Abaküs Yazılım
23. Hukuk Dairesi
Esas No: 2012/932
Karar No: 2012/1941
Karar Tarihi: 13.03.2012

Yargıtay 23. Hukuk Dairesi 2012/932 Esas 2012/1941 Karar Sayılı İlamı

23. Hukuk Dairesi         2012/932 E.  ,  2012/1941 K.

    "İçtihat Metni"

    MAHKEMESİ :Asliye Hukuk Mahkemesi


    Taraflar arasındaki kooperatif üyeliğinin tespiti ve tazminat davasının yapılan yargılaması sonunda ilamda yazılı nedenlerden dolayı davanın reddine yönelik olarak verilen hükmün süresi içinde davacı vekilince temyiz edilmesi üzerine dosya incelendi, gereği konuşulup düşünüldü.
    -K A R A R-
    Davacı vekili, müvekkilinin davalı kooperatifçe inşa edilen konutlardan B Blok 4 nolu daire için kooperatife şartlı ortak olduğunu, sözleşmeyle kararlaştırılan bedelin tamamını ödediğini, yönetim kurulunca müvekkilinin anılan daire için ortaklığa kabul edilmesine rağmen dairenin teslim edilmediğini ileri sürerek, müvekkilinin kooperatif ortağı olduğunu tespitine, dava konusu dairenin müvekkiline teslimine ve tesciline olmadığı takdirde dairenin raiç değeri karşılığı şimdilik 25.000,00 TL" nin davalıdan tahsiline, daire üzerinde başka kişilerin hak iddia etmesi durumunda müdahalelerinin men"ine karar verilmesini talep ve dava etmiştir.
    Davalı vekili, davacının müvekkili kooperatifin ortağı olmadığını, kooperatife aidat ödemediğini savunarak, davanın reddini istemiştir.
    Mahkemece, iddia, savunma ve dosya kapsamına göre, davacının, davalı kooperatifin peşin ödemeli ortağı olduğu, ancak yönetim kurulunca davacıya tahsis edilen dava konusu konutun kooperatif ile feri müdahil arsa sahipleri arasında düzenlenen kat karşılığı inşaat sözleşmesi uyarınca arsa maliklerine bırakılan dairelerden olduğu, kooperatif kayıtlarına göre davacının daire karşılığı kooperatife ödemede bulunmadığı gerekçesiyle davanın reddine karar verilmiştir.
    Kararı, davacı vekili temyiz etmiştir.
    1- Dava, kooperatife peşin ödemeli ortak olduğunun tespiti, B blok 4 numaralı dairenin davacıya teslimi veya adına tescili, olmadığı takdirde dairenin rayiç değerinin tahsili istemine ilişkindir.
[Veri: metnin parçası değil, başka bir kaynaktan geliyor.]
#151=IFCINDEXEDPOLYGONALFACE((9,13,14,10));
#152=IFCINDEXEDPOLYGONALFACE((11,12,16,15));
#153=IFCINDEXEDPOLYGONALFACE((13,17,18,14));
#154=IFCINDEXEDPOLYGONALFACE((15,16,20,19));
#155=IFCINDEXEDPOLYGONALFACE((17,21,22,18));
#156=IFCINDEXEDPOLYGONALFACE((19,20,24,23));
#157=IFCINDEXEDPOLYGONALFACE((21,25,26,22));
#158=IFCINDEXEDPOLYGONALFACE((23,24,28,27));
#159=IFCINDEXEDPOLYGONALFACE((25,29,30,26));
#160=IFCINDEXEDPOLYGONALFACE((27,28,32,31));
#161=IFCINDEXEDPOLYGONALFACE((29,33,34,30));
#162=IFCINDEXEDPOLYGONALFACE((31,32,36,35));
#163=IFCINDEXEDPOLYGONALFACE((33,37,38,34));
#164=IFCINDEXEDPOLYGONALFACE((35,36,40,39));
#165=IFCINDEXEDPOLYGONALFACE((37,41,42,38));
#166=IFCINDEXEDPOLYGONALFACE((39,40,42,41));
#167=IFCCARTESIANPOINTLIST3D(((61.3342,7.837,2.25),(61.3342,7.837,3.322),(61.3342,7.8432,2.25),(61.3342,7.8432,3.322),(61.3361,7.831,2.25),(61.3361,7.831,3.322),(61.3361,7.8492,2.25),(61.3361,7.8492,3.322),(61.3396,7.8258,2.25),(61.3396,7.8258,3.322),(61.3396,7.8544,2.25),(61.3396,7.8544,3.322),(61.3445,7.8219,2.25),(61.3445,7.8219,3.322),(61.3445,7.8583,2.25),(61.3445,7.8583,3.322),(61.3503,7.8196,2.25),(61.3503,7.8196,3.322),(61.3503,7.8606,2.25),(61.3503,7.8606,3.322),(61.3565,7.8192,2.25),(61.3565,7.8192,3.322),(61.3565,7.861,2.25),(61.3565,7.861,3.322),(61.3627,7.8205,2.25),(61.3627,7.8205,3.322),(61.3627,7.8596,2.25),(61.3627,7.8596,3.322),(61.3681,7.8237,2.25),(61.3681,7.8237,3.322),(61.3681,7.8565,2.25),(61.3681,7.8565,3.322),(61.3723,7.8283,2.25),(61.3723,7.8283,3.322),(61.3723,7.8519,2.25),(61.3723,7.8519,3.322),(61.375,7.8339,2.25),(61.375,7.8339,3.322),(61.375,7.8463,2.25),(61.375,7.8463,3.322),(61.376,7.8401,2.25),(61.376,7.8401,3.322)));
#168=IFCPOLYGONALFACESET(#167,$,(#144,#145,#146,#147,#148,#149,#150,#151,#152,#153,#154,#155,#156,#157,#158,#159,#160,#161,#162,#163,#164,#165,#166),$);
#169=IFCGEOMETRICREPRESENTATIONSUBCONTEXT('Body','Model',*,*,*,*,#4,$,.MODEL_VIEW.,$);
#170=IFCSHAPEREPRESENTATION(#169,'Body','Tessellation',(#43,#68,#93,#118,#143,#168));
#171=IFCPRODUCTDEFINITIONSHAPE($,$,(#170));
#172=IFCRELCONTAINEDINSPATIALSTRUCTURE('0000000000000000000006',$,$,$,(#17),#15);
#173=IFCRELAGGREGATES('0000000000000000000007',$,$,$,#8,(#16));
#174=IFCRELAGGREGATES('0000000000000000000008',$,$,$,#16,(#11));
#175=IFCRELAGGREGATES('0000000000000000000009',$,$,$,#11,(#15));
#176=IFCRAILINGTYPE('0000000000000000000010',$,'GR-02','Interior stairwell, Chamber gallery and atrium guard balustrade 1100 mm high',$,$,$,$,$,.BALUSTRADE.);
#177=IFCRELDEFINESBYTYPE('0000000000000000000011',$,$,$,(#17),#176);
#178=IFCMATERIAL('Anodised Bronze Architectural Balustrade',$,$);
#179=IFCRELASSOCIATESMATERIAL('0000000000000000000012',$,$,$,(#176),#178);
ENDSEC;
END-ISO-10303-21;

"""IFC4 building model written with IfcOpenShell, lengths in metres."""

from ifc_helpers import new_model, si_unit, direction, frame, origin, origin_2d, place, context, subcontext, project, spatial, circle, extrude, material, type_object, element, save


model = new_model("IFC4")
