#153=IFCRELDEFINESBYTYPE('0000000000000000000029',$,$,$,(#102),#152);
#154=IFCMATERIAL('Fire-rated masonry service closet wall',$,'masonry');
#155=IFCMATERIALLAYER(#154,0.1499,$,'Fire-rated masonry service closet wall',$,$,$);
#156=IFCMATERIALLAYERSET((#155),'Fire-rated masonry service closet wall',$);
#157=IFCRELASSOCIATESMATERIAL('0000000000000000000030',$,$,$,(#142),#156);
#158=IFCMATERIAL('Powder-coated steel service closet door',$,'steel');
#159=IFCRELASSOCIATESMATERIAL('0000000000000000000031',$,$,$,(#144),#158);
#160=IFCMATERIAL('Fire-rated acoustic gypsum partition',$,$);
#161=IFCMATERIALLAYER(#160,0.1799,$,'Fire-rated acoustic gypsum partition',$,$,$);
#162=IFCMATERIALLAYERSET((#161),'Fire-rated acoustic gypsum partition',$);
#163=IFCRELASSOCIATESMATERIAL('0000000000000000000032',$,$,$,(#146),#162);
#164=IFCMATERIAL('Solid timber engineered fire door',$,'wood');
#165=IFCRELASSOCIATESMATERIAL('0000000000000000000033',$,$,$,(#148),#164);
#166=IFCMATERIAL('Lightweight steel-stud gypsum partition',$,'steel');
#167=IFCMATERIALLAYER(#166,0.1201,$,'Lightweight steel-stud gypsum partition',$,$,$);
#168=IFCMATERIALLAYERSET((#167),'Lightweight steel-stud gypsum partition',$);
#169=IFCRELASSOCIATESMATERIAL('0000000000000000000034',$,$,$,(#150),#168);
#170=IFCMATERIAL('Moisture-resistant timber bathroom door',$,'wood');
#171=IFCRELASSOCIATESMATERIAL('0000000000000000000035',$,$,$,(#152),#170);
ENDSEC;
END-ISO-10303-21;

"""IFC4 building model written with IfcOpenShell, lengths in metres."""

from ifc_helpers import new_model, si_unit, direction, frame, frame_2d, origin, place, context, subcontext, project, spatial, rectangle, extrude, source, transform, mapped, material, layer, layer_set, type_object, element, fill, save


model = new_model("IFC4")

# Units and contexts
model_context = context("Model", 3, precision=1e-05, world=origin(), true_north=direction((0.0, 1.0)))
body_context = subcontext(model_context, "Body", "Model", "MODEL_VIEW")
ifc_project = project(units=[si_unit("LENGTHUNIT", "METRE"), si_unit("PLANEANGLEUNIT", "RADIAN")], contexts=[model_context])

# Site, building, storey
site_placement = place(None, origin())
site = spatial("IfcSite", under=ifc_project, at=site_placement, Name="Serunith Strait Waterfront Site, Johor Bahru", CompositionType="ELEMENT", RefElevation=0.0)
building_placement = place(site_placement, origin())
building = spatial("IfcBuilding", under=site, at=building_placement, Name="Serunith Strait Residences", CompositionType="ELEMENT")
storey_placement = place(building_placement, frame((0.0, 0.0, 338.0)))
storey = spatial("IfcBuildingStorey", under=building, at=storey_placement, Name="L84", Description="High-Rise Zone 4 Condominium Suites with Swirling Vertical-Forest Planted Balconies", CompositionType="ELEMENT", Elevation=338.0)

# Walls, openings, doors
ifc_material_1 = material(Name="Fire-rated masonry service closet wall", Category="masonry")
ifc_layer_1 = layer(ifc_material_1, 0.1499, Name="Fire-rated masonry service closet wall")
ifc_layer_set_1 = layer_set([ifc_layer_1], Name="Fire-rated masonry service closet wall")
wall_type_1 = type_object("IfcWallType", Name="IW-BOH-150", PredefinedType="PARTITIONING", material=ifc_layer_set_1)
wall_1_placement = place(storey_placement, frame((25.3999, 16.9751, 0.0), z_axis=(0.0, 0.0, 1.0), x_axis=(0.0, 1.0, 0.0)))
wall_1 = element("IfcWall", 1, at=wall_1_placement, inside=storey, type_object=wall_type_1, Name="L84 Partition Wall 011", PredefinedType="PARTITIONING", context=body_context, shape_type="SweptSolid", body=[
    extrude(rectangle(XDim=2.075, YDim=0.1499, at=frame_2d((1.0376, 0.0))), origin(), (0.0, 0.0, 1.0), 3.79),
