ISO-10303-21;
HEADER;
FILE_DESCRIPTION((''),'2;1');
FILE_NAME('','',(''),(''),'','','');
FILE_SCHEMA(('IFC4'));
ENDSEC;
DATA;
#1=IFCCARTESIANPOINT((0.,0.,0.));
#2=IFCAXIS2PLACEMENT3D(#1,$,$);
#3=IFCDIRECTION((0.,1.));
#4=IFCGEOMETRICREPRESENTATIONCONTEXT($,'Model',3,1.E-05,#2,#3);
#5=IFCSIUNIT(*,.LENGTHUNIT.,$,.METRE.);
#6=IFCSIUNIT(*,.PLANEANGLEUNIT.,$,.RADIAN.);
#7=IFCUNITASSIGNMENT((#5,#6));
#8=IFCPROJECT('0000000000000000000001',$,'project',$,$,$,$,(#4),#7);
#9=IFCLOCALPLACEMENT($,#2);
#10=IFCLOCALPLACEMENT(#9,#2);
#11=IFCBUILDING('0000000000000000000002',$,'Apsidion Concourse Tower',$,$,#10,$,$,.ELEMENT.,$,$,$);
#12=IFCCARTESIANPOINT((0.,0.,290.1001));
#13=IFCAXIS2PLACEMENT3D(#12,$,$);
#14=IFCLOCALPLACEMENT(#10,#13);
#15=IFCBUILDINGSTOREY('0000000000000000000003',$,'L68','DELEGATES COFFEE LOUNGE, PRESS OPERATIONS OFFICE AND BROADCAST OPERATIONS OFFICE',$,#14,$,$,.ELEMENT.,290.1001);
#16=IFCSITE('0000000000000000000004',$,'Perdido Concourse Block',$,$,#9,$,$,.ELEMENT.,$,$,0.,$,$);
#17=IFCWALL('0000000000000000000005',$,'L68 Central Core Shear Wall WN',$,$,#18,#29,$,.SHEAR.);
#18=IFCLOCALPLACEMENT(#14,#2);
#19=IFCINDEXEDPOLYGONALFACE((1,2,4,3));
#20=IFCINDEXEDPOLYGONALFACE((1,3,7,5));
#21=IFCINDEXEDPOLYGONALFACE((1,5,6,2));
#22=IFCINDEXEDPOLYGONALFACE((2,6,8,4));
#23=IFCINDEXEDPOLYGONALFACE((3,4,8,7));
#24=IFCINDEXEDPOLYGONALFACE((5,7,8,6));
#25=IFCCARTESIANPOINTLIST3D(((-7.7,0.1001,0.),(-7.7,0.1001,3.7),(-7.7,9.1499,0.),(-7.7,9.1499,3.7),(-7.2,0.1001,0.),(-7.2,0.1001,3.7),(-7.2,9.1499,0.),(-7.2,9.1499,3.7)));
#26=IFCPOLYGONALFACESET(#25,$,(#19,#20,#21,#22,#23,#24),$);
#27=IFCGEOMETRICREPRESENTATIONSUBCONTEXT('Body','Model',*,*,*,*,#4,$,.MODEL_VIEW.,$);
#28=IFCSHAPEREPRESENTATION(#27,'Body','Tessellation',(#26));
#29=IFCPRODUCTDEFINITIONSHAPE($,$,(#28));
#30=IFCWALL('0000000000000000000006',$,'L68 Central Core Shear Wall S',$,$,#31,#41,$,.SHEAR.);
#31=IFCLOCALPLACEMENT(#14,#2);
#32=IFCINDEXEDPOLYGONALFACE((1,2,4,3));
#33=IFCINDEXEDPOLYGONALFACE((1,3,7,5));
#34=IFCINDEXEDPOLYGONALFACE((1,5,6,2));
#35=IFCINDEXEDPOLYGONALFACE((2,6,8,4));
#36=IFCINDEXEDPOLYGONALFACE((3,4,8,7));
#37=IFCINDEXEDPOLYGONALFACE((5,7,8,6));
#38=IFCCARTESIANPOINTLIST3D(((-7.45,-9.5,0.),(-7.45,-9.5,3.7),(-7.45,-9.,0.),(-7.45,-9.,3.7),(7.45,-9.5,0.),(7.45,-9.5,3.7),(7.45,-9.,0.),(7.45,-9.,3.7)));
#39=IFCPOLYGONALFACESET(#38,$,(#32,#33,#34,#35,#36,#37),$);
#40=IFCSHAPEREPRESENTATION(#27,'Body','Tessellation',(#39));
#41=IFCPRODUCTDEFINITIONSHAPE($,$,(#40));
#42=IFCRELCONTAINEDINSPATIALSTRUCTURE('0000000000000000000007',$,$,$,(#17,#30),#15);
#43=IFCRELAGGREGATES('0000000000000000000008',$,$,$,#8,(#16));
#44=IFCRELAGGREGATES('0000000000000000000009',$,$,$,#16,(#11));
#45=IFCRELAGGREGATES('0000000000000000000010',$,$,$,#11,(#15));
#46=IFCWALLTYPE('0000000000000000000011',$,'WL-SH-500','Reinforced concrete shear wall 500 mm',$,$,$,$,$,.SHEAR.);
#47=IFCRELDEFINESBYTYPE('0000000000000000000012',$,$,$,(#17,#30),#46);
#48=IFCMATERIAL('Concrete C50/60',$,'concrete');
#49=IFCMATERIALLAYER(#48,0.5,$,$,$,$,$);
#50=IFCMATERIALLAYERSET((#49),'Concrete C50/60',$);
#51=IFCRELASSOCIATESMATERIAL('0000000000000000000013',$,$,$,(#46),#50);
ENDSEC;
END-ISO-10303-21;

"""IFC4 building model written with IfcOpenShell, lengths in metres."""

from ifc_helpers import new_model, si_unit, direction, frame, frame_2d, origin, place, context, subcontext, project, spatial, rectangle, extrude, material, layer, layer_set, type_object, element, save


model = new_model("IFC4")

# Units and contexts
model_context = context("Model", 3, precision=1e-05, world=origin(), true_north=direction((0.0, 1.0)))
body_context = subcontext(model_context, "Body", "Model", "MODEL_VIEW")
ifc_project = project(units=[si_unit("LENGTHUNIT", "METRE"), si_unit("PLANEANGLEUNIT", "RADIAN")], contexts=[model_context])

# Site, building, storey
site_placement = place(None, origin())
site = spatial("IfcSite", under=ifc_project, at=site_placement, Name="Perdido Concourse Block", CompositionType="ELEMENT", RefElevation=0.0)
building_placement = place(site_placement, origin())
building = spatial("IfcBuilding", under=site, at=building_placement, Name="Apsidion Concourse Tower", CompositionType="ELEMENT")
storey_placement = place(building_placement, frame((0.0, 0.0, 290.1001)))
storey = spatial("IfcBuildingStorey", under=building, at=storey_placement, Name="L68", Description="DELEGATES COFFEE LOUNGE, PRESS OPERATIONS OFFICE AND BROADCAST OPERATIONS OFFICE", CompositionType="ELEMENT", Elevation=290.1001)

# Shared definitions
ifc_material_1 = material(Name="Concrete C50/60", Category="concrete")

# Wall
ifc_layer_1 = layer(ifc_material_1, 0.5)
ifc_layer_set_1 = layer_set([ifc_layer_1], Name="Concrete C50/60")
wall_type_1 = type_object("IfcWallType", Name="WL-SH-500", Description="Reinforced concrete shear wall 500 mm", PredefinedType="SHEAR", material=ifc_layer_set_1)
wall_1_placement = place(storey_placement, frame((-7.45, 0.1001, 0.0), z_axis=(0.0, 0.0, 1.0), x_axis=(0.0, 1.0, 0.0)))
element("IfcWall", 1, at=wall_1_placement, inside=storey, type_object=wall_type_1, Name="L68 Central Core Shear Wall WN", PredefinedType="SHEAR", context=body_context, shape_type="SweptSolid", body=[
    extrude(rectangle(XDim=9.0498, YDim=0.5, at=frame_2d((4.5249, 0.0))), origin(), (0.0, 0.0, 1.0), 3.7),
])

# Wall
wall_2_placement = place(storey_placement, frame((-7.45, -9.25, 0.0), z_axis=(0.0, 0.0, 1.0), x_axis=(1.0, 0.0, 0.0)))
element("IfcWall", 2, at=wall_2_placement, inside=storey, type_object=wall_type_1, Name="L68 Central Core Shear Wall S", PredefinedType="SHEAR", context=body_context, shape_type="SweptSolid", body=[
    extrude(rectangle(XDim=14.8999, YDim=0.5, at=frame_2d((7.45, 0.0))), origin(), (0.0, 0.0, 1.0), 3.7),
])

save(model, "model.ifc")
Davacının, davalı kooperatifin yönetim kurulunun 18.06.2004 tarihli kararıyla pay devri suretiyle şartlı ortak statüsüyle ortaklığa alındığı, yine aynı kararla davacıya B blok 4 numaralı dairenin verildiği anlaşılmaktadır. Mahkeme gerekçesinde davacı ortak olarak kabul edilmiş olup, davalının gerekçeye yönelik bir temyizde bulunmadığı göz önüne alınarak davacının davalı kooperatifin ortağı olduğunun kabulü gerekir. Ancak, 1163 sayılı Kooperatifler Kanunu"nun 23. maddesi hükmü uyarınca, ortaklar hak ve yükümlülüklerde eşit konumda olup yönetim kurulu bu ilkenin dışına çıkmak istediği takdirde, bu hususu genel kurul gündemine alarak, genel kurulun tartışmasına açıkça sunması gerekmekte veya genel kurulun yapılan uygulamayı açıkça yada zımnen benimsemesi icap etmektedir. Bu nedenle, sabit ve peşin aidat ödemek suretiyle ortaklığa alınmadaki bu usule uyulmamışsa, böyle bir ortağın (devam eden inşaatların finansmanına katılımı için) aidat yükümlülüğü devam eder. Açıklanan usule uyulmuşsa, ortaklığa alınmadaki bu farklılık, ortaklığa alındıktan sonra üyelik aidatı istenmesini mümkün kılmaz ise de, kooperatifin amacına ulaşıncaya kadar yapılan genel yönetim ve alt yapı giderlerinden ortağın sorumluluğu devam eder. Genel kurulca açık yetki verilmedikçe yada benimsemedikçe 1163
    sayılı Yasa"nın 23.maddesine aykırı şekilde yönetim kurulunun diğer ortaklardan farklı statüde ortaklığa kabul kararı vermesine veya akçalı konularda bir ortağı farklı statüde konumlandırmasına geçerli hukuki sonuç bağlanamaz. O halde mahkemece, davacının peşin ortaklığa alınmasına ilişkin geçerli bir genel kurul kararı bulunup bulunmadığı belirlenerek, geçerli bir peşin ortaklık varsa, davacının inşaat finansman giderlerinden sorumlu olmadığı bunun dışındaki yukarıda belirtilen giderlerden sorumlu olduğu, davacının peşin ödemeli ortak olmadığının anlaşılması halinde diğer ortaklar gibi genel kurullarca belirlenen aidatları ödemekle yükümlü olduğu göz önüne alınarak davacının, kooperatife karşı olan yükümlülüklerini yerine getirip getirilmediği belirlenmeden eksik incelemeyle karar verilmesi doğru değildir.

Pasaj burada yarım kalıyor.